= Mona Bell =

American rodeo rider and newspaper reporter

Mona Bell (13 January 1890 – 1 June 1981) was an American rodeo rider and newspaper reporter. She was the mistress of Pacific Northwest entrepreneur Sam Hill.

==Early life==
Born in East Grand Forks, Minnesota, 13 January 1890, for one year Mona Bell attended the University of North Dakota across the state line in Grand Forks, North Dakota; she apparently stood out there for her skills at basketball.

She was a fine horse rider and good with a rifle and a pistol. She was a rodeo rider (she rode broncs in male disguise). By her own account, she appeared in Buffalo Bill Cody's Wild West Show (although her biographer John A. Harrison was unable to verify that).

She later became a reporter for various U.S. newspapers.

==Relationship with Sam Hill==
In 1910, she met Sam Hill. He was a prominent entrepreneur 33 years her senior and was by then almost entirely estranged from his wife, although they never divorced.

She moved to Portland, Oregon, in 1920 to be near him, and in 1928, he bought her 35 acre on the Columbia River and built her a 22 room house to which she added an elaborate garden. That same year, they had a son - Sam B. Hill - Sam Hill's youngest / last child. An arranged marriage to Hill's cousin Edgar Hill allowed Sam B. to be raised as legitimate and be legally a member of his father's family.

Hill was clearly the love of her life, although Bell had two brief marriages, one to a dentist and one to a doctor.

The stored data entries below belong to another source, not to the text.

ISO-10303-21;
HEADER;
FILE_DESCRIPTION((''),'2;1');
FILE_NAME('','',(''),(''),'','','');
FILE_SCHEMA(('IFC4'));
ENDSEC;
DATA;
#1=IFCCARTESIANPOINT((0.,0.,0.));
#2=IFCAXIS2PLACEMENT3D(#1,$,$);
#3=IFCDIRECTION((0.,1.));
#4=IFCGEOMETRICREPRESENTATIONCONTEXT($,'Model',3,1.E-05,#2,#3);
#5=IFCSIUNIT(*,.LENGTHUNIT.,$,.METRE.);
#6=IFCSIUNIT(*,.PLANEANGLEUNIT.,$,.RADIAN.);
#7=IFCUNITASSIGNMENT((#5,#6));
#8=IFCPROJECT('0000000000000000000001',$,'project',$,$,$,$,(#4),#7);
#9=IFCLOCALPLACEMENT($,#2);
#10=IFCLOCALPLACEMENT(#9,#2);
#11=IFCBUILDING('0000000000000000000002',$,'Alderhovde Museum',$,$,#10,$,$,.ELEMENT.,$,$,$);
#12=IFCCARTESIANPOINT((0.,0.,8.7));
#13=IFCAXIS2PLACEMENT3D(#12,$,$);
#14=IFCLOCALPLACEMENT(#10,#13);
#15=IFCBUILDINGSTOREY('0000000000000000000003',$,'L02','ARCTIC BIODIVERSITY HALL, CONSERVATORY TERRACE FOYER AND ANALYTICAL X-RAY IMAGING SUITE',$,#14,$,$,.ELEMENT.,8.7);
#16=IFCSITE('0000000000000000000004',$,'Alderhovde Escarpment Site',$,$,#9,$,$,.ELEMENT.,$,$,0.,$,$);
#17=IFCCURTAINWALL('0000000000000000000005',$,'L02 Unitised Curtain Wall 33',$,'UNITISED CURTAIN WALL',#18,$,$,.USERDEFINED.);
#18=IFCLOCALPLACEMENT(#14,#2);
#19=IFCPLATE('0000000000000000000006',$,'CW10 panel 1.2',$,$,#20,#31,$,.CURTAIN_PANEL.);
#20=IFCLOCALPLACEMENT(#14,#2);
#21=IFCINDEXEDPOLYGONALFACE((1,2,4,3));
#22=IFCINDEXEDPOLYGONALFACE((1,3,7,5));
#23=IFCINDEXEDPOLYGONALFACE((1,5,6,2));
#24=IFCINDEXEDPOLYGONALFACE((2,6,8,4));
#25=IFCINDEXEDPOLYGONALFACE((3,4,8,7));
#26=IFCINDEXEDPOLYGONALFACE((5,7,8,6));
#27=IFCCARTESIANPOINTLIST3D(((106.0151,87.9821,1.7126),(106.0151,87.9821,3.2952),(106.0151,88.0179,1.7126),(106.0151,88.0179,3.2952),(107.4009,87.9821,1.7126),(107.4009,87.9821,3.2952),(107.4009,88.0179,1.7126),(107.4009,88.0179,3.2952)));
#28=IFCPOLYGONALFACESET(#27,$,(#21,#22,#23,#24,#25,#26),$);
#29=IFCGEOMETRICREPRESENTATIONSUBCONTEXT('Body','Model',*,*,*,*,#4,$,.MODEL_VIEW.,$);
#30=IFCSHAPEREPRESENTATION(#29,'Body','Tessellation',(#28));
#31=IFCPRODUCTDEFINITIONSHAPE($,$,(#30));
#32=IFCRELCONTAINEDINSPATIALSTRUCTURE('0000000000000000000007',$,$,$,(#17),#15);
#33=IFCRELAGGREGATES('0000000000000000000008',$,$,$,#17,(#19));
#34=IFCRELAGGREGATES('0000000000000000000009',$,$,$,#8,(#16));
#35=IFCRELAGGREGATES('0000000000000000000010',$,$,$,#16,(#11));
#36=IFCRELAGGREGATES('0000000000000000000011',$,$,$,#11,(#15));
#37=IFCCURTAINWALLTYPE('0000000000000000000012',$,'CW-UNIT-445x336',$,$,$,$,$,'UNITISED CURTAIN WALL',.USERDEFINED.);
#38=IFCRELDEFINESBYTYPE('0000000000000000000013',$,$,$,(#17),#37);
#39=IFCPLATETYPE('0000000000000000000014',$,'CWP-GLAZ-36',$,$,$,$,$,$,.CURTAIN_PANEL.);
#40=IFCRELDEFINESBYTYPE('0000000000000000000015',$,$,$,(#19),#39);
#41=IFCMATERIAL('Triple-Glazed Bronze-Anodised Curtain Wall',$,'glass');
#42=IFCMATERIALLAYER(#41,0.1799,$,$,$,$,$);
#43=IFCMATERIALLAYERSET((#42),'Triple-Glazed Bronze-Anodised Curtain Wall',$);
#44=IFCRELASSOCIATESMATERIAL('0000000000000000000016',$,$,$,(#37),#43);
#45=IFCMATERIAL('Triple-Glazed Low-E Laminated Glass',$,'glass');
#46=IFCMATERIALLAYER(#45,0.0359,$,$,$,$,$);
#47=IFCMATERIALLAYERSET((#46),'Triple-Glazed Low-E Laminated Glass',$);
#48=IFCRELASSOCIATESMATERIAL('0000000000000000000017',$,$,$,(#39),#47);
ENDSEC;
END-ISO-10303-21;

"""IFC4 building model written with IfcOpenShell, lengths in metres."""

from ifc_helpers import new_model, si_unit, direction, frame, origin, origin_2d, place, context, subcontext, project, spatial, rectangle, extrude, material, layer, layer_set, type_object, element, aggregate, save


model = new_model("IFC4")

# Units and contexts
model_context = context("Model", 3, precision=1e-05, world=origin(), true_north=direction((0.0, 1.0)))
body_context = subcontext(model_context, "Body", "Model", "MODEL_VIEW")
ifc_project = project(units=[si_unit("LENGTHUNIT", "METRE"), si_unit("PLANEANGLEUNIT", "RADIAN")], contexts=[model_context])

# Site, building, storey
site_placement = place(None, origin())
site = spatial("IfcSite", under=ifc_project, at=site_placement, Name="Alderhovde Escarpment Site", CompositionType="ELEMENT", RefElevation=0.0)
building_placement = place(site_placement, origin())
building = spatial("IfcBuilding", under=site, at=building_placement, Name="Alderhovde Museum", CompositionType="ELEMENT")
storey_placement = place(building_placement, frame((0.0, 0.0, 8.7)))
storey = spatial("IfcBuildingStorey", under=building, at=storey_placement, Name="L02", Description="ARCTIC BIODIVERSITY HALL, CONSERVATORY TERRACE FOYER AND ANALYTICAL X-RAY IMAGING SUITE", CompositionType="ELEMENT", Elevation=8.7)

# Shared definitions
ifc_material_1 = material(Name="Triple-Glazed Bronze-Anodised Curtain Wall", Category="glass")
ifc_layer_1 = layer(ifc_material_1, 0.1799)
ifc_layer_set_1 = layer_set([ifc_layer_1], Name="Triple-Glazed Bronze-Anodised Curtain Wall")
curtain_wall_type_1 = type_object("IfcCurtainWallType", Name="CW-UNIT-445x336", ElementType="UNITISED CURTAIN WALL", PredefinedType="USERDEFINED", material=ifc_layer_set_1)

# Curtain wall
curtain_wall_1_placement = place(storey_placement, origin())
curtain_wall_1 = element("IfcCurtainWall", 1, at=curtain_wall_1_placement, inside=storey, type_object=curtain_wall_type_1, Name="L02 Unitised Curtain Wall 33", ObjectType="UNITISED CURTAIN WALL", PredefinedType="USERDEFINED")

# Plate
ifc_material_2 = material(Name="Triple-Glazed Low-E Laminated Glass", Category="glass")
ifc_layer_2 = layer(ifc_material_2, 0.0359)
ifc_layer_set_2 = layer_set([ifc_layer_2], Name="Triple-Glazed Low-E Laminated Glass")
plate_type_1 = type_object("IfcPlateType", Name="CWP-GLAZ-36", PredefinedType="CURTAIN_PANEL", material=ifc_layer_set_2)
plate_1_placement = place(storey_placement, frame((106.708, 88.0, 1.7126), z_axis=(0.0, 0.0, 1.0), x_axis=(1.0, 0.0, 0.0)))
plate_1 = element("IfcPlate", 2, at=plate_1_placement, type_object=plate_type_1, Name="CW10 panel 1.2", PredefinedType="CURTAIN_PANEL", context=body_context, shape_type="SweptSolid", body=[
    extrude(rectangle(XDim=1.3857, YDim=0.0359, at=origin_2d()), origin(), (0.0, 0.0, 1.0), 1.5825),
])
aggregate(curtain_wall_1, [plate_1])

save(model, "model.ifc")
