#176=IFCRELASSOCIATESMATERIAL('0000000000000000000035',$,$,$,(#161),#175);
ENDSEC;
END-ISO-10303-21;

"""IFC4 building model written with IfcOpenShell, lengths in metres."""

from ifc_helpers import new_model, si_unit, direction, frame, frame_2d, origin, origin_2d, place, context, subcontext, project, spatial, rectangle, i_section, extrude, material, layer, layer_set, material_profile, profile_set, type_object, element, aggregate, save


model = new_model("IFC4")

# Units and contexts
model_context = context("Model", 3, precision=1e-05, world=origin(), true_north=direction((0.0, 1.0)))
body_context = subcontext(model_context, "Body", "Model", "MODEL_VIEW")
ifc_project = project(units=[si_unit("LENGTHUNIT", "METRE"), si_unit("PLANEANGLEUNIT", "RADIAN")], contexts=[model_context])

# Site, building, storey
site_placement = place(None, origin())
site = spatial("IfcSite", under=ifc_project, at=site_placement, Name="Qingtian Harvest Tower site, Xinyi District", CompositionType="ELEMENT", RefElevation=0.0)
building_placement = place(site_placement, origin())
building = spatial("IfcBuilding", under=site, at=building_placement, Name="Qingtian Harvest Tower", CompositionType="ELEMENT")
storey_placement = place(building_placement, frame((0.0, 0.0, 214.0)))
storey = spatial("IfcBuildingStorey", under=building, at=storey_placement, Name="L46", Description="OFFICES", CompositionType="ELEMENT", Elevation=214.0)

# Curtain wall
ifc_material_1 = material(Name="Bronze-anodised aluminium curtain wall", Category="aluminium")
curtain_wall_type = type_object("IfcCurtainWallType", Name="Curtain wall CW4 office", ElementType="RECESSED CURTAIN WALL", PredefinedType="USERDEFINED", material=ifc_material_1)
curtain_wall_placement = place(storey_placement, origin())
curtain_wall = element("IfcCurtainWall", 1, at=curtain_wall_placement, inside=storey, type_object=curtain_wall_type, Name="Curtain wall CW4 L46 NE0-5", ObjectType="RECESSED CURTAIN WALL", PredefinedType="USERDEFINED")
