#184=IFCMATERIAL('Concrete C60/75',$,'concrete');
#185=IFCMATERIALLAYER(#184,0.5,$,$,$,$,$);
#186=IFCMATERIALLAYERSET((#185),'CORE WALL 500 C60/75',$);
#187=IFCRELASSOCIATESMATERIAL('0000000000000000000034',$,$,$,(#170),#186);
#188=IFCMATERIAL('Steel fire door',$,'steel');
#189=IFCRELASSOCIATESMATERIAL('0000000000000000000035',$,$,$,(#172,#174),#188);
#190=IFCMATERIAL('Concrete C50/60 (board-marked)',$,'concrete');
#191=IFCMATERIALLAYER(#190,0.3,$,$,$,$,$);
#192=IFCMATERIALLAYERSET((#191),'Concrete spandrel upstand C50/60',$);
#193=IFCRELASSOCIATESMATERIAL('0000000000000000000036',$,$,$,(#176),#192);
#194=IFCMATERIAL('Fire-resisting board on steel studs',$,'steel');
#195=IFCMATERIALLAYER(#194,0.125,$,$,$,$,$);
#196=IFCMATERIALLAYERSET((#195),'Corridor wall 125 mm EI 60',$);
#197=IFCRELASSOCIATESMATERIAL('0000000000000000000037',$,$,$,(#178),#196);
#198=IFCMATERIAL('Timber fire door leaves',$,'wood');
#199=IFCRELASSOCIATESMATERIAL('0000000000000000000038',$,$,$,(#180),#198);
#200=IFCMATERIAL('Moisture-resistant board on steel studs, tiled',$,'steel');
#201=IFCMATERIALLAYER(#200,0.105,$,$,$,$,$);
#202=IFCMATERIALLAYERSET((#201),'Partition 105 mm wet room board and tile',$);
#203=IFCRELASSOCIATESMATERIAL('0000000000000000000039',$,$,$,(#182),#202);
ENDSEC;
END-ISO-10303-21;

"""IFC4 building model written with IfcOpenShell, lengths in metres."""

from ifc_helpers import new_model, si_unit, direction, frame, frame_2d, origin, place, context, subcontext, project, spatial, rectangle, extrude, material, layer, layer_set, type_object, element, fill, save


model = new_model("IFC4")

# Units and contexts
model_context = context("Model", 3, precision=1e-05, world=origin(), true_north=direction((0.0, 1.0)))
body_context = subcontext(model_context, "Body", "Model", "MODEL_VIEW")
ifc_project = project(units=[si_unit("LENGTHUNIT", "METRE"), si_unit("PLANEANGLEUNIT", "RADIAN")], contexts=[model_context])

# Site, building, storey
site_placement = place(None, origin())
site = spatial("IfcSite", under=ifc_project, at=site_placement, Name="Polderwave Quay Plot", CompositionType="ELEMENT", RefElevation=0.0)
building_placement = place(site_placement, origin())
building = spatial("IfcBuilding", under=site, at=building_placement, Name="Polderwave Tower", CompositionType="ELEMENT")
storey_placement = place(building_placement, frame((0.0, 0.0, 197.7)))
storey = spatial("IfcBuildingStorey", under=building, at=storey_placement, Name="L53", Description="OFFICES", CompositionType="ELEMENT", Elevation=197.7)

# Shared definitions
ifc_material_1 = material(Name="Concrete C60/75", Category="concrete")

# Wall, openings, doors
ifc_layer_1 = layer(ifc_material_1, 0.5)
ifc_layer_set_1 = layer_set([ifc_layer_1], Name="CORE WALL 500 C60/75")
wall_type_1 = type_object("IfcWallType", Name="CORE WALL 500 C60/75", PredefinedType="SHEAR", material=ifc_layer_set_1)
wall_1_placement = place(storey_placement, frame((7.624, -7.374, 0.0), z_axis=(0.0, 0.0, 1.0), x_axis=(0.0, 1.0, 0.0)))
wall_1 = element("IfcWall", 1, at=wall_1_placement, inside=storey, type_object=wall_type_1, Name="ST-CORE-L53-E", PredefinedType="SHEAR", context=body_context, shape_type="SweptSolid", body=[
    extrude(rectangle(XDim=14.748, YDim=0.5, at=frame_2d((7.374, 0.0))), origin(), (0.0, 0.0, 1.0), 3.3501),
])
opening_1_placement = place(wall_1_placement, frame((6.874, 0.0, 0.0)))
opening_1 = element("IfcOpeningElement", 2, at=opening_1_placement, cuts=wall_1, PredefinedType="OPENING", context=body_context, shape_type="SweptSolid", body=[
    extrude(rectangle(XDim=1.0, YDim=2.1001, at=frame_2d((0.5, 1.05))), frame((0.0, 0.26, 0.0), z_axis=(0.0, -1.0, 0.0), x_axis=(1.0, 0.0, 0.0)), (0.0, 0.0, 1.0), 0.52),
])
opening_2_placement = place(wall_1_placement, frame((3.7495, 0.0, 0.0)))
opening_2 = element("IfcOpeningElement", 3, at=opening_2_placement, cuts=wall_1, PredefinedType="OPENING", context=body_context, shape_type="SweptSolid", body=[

Sam Hill had other lovers, and before Sam B. was born had two other children outside his marriage by two different woman.

==Eminent domain battle and afterward==
Three years after his death, the house Sam Hill gave Bell was demolished for the construction of the Bonneville Dam.

When the U.S. government seized Bell's property for the Bonneville Dam project in 1933, they offered her $25,000 ($ today). She went to court, and in 1935, received $72,500 plus interest ($78,661 total, or $ million today).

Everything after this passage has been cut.